852.00/3882: Telegram

The Ambassador in the United Kingdom (Bingham) to the Acting Secretary of State

567. In a conversation at the Foreign Office today it was admitted that the French had, as reported in the last paragraph of my 561, November 23, 7 p.m.,10 exerted sufficient pressure to dissuade the British Government from according belligerent rights to the Spanish warring factions and the Foreign Office obviously considered its recent action as a makeshift measure which might well prove to be merely a temporary stopgap.
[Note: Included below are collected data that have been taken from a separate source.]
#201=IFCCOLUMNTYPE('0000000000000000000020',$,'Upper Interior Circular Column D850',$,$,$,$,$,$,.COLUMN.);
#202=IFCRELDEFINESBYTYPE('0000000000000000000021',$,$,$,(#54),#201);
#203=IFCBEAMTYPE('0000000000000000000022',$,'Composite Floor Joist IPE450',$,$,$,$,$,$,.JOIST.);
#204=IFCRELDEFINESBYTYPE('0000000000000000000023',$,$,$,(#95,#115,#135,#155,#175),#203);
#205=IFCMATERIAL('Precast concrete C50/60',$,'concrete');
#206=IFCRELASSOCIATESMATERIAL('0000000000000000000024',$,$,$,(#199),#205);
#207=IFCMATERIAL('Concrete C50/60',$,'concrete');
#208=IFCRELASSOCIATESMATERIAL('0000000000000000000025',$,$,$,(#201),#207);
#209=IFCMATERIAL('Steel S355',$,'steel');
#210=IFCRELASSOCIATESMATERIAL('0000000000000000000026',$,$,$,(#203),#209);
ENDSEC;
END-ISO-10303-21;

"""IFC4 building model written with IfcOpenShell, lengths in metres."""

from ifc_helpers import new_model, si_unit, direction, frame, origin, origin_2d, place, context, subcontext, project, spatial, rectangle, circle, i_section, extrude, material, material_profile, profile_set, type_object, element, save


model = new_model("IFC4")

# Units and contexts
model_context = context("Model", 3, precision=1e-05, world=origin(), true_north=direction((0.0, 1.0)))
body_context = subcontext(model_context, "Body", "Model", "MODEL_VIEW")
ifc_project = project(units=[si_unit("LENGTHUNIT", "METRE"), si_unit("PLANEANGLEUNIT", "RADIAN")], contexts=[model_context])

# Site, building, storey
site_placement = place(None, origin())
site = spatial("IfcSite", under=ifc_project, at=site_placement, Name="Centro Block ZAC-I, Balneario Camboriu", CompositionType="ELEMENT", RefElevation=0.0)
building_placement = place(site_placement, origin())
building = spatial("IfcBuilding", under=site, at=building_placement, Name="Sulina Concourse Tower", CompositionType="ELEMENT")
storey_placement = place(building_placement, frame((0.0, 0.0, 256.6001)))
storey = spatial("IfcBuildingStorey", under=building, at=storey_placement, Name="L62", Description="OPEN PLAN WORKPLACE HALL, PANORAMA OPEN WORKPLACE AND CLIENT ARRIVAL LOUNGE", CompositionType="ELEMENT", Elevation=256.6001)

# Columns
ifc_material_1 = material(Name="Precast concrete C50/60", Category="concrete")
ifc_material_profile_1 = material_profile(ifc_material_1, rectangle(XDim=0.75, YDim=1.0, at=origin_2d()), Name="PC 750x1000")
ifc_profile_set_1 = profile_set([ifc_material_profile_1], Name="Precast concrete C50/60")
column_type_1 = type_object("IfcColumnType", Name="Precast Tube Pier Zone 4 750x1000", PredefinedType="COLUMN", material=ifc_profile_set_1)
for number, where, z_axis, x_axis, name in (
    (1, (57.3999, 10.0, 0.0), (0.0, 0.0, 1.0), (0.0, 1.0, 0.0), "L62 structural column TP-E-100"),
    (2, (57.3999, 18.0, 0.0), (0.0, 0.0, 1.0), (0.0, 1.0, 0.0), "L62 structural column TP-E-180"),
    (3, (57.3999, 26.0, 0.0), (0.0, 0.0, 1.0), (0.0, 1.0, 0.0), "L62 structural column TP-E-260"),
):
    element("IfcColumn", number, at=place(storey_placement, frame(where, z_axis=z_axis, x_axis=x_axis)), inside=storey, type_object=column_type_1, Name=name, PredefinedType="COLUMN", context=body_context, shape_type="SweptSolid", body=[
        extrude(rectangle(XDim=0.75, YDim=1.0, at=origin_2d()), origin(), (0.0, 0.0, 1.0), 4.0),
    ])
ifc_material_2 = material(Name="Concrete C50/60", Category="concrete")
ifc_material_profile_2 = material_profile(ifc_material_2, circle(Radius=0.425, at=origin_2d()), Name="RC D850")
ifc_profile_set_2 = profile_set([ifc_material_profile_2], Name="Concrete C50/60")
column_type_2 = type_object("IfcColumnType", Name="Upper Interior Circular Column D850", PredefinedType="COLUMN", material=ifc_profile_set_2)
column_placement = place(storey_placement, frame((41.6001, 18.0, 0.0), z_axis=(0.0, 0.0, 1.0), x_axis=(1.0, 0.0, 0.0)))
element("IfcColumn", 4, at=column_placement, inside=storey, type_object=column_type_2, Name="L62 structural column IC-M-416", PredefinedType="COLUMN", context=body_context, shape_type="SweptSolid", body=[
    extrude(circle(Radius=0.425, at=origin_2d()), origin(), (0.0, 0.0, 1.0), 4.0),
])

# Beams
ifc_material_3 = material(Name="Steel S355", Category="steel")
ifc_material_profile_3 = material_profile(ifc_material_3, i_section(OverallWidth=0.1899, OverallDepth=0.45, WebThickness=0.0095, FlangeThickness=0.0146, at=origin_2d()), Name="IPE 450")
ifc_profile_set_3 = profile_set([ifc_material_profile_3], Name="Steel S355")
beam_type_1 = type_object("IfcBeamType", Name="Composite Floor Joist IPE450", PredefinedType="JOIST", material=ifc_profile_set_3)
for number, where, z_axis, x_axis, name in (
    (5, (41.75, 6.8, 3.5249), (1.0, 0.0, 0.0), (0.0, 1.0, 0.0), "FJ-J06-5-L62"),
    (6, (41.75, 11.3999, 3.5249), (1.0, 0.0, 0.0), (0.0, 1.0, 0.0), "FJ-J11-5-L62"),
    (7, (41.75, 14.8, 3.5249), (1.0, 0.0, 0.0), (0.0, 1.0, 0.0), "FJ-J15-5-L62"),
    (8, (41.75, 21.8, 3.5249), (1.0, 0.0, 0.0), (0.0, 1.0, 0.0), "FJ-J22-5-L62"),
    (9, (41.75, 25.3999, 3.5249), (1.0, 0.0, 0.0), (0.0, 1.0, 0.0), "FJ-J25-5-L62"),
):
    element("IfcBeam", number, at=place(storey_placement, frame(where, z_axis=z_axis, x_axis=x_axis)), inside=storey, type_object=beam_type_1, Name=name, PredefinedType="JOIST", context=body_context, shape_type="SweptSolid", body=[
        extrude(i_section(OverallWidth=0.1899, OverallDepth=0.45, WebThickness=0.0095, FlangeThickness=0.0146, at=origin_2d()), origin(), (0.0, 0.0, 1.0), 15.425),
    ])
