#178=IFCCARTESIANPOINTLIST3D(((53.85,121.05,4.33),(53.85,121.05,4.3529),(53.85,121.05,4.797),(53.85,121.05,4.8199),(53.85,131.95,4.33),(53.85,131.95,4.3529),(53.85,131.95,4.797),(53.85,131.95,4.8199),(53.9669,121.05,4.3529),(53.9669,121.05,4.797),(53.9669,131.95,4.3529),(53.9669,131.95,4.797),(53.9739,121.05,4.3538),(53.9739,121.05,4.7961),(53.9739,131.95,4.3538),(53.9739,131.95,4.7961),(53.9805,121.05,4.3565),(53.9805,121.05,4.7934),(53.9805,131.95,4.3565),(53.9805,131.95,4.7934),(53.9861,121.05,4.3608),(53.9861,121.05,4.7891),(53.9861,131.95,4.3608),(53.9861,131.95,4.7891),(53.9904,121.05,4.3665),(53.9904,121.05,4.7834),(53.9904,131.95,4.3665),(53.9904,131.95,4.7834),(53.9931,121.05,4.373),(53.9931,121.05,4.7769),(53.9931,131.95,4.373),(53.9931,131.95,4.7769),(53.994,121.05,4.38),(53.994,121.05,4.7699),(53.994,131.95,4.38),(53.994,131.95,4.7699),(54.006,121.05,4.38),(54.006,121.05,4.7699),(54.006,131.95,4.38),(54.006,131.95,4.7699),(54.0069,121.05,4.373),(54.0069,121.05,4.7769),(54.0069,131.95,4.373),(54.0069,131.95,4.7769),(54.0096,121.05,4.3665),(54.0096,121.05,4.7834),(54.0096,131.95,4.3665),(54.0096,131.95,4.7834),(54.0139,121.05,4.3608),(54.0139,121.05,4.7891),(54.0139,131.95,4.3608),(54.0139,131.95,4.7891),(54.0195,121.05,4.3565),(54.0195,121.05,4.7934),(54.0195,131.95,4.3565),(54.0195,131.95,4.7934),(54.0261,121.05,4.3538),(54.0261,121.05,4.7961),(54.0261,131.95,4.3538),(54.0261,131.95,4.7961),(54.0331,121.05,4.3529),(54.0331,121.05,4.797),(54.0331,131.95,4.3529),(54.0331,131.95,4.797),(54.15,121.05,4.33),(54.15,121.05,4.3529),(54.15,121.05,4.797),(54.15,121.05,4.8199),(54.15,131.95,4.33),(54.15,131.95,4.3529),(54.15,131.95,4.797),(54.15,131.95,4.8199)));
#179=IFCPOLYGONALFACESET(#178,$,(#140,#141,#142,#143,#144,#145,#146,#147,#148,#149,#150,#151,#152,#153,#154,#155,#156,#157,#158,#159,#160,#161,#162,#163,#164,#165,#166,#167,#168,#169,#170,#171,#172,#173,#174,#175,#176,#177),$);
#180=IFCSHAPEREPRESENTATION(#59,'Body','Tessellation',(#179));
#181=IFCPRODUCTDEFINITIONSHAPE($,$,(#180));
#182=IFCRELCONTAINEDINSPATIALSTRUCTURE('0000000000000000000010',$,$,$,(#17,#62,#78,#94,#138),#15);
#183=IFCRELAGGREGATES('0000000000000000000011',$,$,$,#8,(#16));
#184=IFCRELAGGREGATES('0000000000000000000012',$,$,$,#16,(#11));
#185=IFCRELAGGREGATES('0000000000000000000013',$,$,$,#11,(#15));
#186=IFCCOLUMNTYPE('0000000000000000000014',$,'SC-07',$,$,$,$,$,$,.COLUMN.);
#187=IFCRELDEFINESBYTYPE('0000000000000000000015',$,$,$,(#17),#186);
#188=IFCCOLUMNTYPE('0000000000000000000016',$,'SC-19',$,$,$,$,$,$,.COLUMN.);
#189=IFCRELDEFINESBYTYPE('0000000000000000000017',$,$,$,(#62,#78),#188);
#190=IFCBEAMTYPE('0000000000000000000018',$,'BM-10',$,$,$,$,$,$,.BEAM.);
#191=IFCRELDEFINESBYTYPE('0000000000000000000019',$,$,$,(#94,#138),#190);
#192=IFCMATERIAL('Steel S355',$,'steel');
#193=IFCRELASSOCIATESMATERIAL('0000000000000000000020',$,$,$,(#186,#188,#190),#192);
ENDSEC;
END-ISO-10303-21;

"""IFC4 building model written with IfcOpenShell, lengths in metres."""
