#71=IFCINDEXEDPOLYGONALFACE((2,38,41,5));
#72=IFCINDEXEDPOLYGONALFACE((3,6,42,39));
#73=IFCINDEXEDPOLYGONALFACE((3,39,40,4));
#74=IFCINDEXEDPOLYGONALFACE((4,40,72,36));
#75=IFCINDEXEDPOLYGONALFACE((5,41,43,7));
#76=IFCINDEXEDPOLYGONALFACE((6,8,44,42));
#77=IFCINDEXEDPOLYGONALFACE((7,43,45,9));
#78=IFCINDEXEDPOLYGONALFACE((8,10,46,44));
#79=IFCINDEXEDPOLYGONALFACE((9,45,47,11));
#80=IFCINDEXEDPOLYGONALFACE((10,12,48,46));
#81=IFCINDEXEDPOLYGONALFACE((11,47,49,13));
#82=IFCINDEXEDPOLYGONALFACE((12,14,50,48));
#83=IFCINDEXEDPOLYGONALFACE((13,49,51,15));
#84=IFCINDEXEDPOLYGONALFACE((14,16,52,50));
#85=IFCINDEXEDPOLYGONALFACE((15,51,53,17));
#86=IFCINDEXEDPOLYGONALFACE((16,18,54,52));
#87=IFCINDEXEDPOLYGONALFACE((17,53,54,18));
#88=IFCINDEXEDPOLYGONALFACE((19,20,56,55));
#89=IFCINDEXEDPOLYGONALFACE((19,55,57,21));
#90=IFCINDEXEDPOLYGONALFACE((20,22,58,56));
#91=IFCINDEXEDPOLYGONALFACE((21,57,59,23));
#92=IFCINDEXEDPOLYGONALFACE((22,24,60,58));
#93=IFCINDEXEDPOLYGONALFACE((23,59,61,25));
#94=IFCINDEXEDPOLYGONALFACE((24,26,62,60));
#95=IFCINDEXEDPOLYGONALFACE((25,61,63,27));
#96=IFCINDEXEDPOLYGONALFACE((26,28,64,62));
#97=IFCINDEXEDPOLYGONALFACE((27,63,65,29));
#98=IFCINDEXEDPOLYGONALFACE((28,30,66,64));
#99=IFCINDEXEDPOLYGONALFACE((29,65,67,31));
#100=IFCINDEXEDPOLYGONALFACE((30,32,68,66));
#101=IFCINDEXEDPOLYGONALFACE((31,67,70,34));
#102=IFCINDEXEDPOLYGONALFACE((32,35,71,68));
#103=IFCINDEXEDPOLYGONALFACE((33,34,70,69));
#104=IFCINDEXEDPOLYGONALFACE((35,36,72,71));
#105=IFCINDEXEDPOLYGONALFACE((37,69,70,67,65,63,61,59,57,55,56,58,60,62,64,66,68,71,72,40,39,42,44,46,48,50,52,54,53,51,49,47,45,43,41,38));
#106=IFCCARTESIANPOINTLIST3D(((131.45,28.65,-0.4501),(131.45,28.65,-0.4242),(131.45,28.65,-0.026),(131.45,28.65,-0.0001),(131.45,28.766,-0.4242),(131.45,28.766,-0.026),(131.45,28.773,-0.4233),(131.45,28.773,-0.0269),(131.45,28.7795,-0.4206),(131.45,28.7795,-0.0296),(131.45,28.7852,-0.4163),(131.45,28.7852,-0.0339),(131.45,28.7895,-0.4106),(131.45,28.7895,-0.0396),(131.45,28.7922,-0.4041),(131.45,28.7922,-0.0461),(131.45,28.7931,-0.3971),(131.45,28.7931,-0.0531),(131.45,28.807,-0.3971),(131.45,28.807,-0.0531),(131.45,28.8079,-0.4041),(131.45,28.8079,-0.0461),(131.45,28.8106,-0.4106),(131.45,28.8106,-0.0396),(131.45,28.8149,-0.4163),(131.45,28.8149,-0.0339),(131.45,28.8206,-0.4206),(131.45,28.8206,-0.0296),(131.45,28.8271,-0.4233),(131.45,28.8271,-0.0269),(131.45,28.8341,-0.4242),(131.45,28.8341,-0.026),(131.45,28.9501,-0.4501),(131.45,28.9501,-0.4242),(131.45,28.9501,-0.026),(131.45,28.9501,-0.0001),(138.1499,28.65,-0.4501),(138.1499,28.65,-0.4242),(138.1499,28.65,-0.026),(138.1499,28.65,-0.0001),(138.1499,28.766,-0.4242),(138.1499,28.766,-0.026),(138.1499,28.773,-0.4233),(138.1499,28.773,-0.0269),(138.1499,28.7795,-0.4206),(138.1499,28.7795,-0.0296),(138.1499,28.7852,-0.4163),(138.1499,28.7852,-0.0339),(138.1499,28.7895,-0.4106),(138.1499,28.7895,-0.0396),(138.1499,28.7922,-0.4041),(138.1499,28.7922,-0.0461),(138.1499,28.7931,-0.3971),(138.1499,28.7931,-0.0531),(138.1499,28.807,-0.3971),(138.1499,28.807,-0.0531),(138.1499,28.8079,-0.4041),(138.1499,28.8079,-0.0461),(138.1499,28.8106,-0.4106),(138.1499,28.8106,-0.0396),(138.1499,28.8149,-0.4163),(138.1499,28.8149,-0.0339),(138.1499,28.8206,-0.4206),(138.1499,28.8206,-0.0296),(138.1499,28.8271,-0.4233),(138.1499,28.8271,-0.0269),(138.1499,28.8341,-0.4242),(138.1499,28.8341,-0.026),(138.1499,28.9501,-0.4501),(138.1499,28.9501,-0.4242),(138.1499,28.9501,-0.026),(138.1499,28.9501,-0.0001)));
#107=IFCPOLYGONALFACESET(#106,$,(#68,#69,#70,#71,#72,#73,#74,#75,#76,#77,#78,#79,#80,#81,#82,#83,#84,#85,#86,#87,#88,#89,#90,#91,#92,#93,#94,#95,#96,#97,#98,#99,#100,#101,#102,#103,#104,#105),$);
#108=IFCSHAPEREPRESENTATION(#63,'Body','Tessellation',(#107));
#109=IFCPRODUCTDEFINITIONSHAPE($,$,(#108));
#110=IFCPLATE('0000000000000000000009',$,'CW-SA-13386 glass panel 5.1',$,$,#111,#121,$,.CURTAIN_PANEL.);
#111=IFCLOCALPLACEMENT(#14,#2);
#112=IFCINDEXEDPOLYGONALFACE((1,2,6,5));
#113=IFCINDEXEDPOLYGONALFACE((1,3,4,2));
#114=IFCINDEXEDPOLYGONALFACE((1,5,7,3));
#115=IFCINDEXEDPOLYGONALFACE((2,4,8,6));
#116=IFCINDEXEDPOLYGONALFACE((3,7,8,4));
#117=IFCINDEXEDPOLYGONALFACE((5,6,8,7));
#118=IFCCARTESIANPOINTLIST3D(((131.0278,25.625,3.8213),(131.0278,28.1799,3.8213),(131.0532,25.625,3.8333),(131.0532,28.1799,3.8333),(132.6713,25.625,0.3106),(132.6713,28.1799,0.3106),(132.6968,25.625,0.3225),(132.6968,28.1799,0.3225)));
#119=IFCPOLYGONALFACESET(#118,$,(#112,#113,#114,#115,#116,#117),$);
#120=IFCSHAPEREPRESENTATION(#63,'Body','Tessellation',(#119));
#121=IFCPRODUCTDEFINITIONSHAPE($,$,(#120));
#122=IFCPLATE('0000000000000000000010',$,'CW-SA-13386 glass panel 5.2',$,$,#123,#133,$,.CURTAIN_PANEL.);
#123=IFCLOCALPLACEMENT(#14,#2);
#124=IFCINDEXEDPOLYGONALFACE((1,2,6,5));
I gathered that the Foreign Office would have preferred to have recognized Franco’s faction as a belligerent and accompanied the recognition with a statement setting forth fully the reasons therefor.

My informant personally characterized the position as absurd: Great Britain and France were recognizing a government no longer in power, Italy and Germany had recognized one that has not yet come into power, and none of the governments has recognized the real situation, namely, a state of belligerency arising out of civil war.

Foreign Office stated the British Ambassador had again been instructed to approach Franco in the matter of designating a specified safety zone at Barcelona; Foreign Office did not interpret Franco’s recent communication as proclaiming a blockade and was inclined to think its real intention was to clear Barcelona of neutral shipping so that if a Russian munitions ship arrived there it could be forcibly dealt with. Foreign Office again made reference to the extent to which Italy and Germany had allied themselves to Franco’s cause (my 545, November 19, 7 p.m.) and said that no doubt the situation was going to become increasingly complicated and difficult but that Great Britain had no intention of being dragged into a trial of strength.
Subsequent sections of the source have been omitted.